On top of this, Allianz has been outed as a principal institutional shareholder in Israel’s largest arms-maker, Elbit Systems, and is acknowledged as the insurer of Elbit UK, the company whose offices were targeted by Palestine Action.
Legally, the GAA might be bound to a contract that has another three-and-a-bit years to run, but as a major sporting property getting a replacement brand partner would not be difficult.
Shop Local
(In Derry, a local insurance company, FIND Insurance, has secured naming rights at both Celtic Park and the Abhainn Bheag facility, investing in GAA at both county and grassroots level and increasing their share of voice in the commercial insurance market.)
Ethically, the GAA ought to do and know better.
The war bonds, the stake in Elbit and the changes to the ESG strategy are all the outworkings of the Allianz parent company.
All profits flow upwards to the very same group that licenses its name to its Irish ‘sibling’.

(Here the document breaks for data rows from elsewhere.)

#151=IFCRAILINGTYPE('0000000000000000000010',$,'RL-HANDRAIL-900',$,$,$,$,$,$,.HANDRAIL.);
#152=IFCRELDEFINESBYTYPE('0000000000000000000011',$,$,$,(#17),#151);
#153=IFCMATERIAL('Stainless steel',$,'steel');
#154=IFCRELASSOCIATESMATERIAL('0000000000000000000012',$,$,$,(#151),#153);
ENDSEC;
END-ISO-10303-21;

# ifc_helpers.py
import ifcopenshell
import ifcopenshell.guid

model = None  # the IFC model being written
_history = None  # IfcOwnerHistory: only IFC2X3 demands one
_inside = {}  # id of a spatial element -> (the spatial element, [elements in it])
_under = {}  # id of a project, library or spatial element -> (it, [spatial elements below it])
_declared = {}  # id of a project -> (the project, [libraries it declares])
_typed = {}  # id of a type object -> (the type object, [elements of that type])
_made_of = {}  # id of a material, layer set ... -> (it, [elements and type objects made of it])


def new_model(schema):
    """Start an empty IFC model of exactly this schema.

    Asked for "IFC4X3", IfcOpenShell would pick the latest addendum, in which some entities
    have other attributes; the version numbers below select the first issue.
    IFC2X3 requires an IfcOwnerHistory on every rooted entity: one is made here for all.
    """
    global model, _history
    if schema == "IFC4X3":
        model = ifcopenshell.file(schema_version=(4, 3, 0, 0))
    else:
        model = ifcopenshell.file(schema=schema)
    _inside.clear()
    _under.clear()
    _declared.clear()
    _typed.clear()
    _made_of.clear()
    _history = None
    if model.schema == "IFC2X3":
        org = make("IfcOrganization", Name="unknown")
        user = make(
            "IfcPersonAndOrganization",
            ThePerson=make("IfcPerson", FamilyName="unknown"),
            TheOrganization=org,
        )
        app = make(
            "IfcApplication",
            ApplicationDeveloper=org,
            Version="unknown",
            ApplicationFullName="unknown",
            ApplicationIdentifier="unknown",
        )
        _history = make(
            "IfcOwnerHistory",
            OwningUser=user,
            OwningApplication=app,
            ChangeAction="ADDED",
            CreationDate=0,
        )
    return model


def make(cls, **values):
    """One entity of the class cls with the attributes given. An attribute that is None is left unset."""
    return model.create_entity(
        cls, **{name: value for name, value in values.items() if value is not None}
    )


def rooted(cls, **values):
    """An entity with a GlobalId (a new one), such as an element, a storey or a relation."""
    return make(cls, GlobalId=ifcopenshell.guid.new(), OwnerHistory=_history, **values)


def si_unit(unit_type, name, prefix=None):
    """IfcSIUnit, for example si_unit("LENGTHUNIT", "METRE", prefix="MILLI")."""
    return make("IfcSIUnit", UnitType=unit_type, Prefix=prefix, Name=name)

The same company that once insured the SS now insures 9 out of every 10 Irish schools, whilst bank-rolling a genocide that includes the slaughter of thousands of innocent Palestinian children and the decimation of their education system, as well as their health and medical infrastructure.
The banners on display at the stadia in the north, the lobbying and media coverage by Peter Canavan and others, the thorough investigative work by AliMacForever and the boycotting of Israel-related produce may well be small gestures.
But those small gestures can eventually lead to bigger gestures.
Imagine the impact of the GAA severing its commercial relationship with Allianz.
Imagine the FAI refusing to play Israel in the forthcoming autumn soccer internationals.
“Bad men need nothing more to compass their ends, than that good men should look on and do nothing.”
A pot of yogurt or not, we all have a part to play.